Connectivity providers such as SigFox and Ingenu provide analogous services to IoT devices as telecom providers do for wireless devices. Platform Services startups provide the software services that allow companies to mange their suite of their IoT devices and sensors. Hardware + Connected Objects companies build the hardware (e.g., Robots, Robotic Components, etc.) that carry out automated tasks for industrial and manufacturing purposes.


Source: GSV Asset Management


In July 2015, we received a stark example of what hacking looks like in a World where digital and physical boundaries are blurred.

To illustrate the risks, a Wired reporter took the wheel of a Jeep Cherokee while hackers activated the windshield wipers, blasted the radio and air conditioning, and disengaged the car’s transmission while sitting in a basement ten miles away. Within days of the story breaking, Chrysler recalled 1.4 million vehicles that were susceptible to the same kind of attack through the company’s “Uconnect” dashboard computers.


Source: Cisco, GSV Asset Management

Physical assets — from power plants to subway systems — have grown vulnerable to cyber attacks as key aspects of their operation have been digitized and networked.

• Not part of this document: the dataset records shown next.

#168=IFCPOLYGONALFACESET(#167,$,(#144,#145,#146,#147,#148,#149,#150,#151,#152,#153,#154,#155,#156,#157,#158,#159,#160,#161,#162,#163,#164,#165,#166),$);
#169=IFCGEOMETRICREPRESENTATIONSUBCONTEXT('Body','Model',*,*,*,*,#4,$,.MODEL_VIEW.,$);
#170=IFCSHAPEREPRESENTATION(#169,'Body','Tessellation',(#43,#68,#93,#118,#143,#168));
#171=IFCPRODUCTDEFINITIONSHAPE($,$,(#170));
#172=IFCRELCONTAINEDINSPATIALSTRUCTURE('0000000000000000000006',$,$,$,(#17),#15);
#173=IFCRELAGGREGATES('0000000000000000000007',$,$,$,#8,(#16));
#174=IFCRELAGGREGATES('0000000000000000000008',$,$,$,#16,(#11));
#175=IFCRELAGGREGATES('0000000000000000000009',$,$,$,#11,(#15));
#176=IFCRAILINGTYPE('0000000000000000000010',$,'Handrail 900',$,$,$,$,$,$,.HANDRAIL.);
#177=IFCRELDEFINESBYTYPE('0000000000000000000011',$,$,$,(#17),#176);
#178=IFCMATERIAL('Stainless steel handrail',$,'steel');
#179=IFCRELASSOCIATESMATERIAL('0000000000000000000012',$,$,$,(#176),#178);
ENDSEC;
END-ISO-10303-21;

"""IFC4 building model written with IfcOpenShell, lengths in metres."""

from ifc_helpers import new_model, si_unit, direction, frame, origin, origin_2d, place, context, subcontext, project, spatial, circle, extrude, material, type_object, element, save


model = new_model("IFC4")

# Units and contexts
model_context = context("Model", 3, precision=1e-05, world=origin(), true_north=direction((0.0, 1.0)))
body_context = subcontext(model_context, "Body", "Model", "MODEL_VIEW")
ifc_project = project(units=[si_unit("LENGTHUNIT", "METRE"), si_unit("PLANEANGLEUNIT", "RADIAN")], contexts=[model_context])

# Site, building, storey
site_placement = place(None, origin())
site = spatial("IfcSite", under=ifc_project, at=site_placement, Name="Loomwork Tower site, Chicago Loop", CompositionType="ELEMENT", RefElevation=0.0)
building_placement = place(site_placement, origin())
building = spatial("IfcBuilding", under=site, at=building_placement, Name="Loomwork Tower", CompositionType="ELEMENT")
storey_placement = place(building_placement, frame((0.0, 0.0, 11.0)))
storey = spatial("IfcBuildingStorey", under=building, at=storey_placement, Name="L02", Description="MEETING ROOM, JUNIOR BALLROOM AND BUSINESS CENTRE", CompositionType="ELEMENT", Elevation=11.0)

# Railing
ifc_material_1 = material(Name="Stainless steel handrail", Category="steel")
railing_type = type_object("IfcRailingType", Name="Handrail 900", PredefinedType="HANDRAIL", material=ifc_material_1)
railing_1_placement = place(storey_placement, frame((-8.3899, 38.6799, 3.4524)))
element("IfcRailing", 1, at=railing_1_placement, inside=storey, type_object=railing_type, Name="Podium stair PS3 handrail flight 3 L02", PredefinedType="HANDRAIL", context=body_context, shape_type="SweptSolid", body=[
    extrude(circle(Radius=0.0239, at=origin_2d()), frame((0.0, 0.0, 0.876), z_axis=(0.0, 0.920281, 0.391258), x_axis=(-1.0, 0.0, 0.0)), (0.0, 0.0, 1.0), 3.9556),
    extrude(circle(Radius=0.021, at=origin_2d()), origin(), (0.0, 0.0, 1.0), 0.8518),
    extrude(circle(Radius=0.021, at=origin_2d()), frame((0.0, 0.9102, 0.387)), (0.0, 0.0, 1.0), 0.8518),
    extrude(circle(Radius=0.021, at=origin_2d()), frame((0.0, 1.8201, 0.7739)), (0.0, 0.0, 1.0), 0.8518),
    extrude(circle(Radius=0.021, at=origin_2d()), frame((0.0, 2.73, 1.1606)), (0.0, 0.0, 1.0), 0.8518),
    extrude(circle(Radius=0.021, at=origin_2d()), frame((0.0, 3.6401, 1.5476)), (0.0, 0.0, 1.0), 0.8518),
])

While these high-profile attacks on large targets have rightfully caused alarm, a much larger threat is emerging by virtue of a rapidly proliferating ecosystem of Internet-connected devices — the Internet of Things (IoT) — that extends beyond computers, phones, and tablets into wearable devices, thermostats and washing machines.

Adding Internet connectivity to everything multiplies vulnerabilities. IoT devices effectively enable sophisticated attackers to move laterally across a centralized network after they gain an entry point. In other words, hackers can infiltrate one device and start probing an entire system until they find a high-value database of personal information or a repository of sensitive business data.

At the core of this challenge is the fact that the proliferation of Internet-connected devices has been fueled by the availability of low-cost, mass-produced semi-conductors which can be embedded in anything. According to Gartner, by 2020, there will be more than 20 billion connected things across the globe. The widespread availability a of these devices means that once a device is compromised, it’s very difficult for a company to flip a switch and correct the problem.

Emerging Blockchain technology could be applied to create more secure, connected IoT networks. In this model, every device would be registered on the Blockchain, with each linked device empowered to authenticate the others without a need for centralized certification. This would make it much harder for hackers to move laterally after infiltrating one device.

IBM and Samsung, for example, recently created a decentralized IoT system called ADEPT, which stands for Automated Decentralized P2P Telemetry. This initiative creates a Blockchain that enables connected devices to communicate with one another autonomously to broadcast transactions between peers, manage software updates, and perform self maintenance.

Filament uses Blockchain technology to power a network of IoT products for the agriculture, manufacturing and oil industry. Telstra, an Australian telecom giant, secures smart home IoT systems using Blockchain technology.


It wasn’t too long ago that BlackBerry was the coolest technology company in the World. In fact, people were so addicted to their BlackBerries that they were called “Crackberries.”

In 2007, BlackBerry and Apple were both roughly $70 billion market value businesses. Then Apple launched the iPhone. Today, Apple’s value has ballooned to over $800 billion, while BlackBerry has decreased more than 90 % to $5 billion.

What happened?

Apple and BlackBerry Market Value* ($ Billions), 2007-2017

Source: Yahoo Finance, Apple, BlackBerry

A major part of the story is that Steve Jobs and the Apple TEAM created an insanely great product. The iPhone is a beautiful device with the first viable multi-touch screen interface.

But the critical innovation was Apple’s unprecedented open mobile operating system, iOS, which enabled third-party developers to easily create apps for the device — effectively harnessing the wisdom of crowds to create a rich user experience. Apple created a platform.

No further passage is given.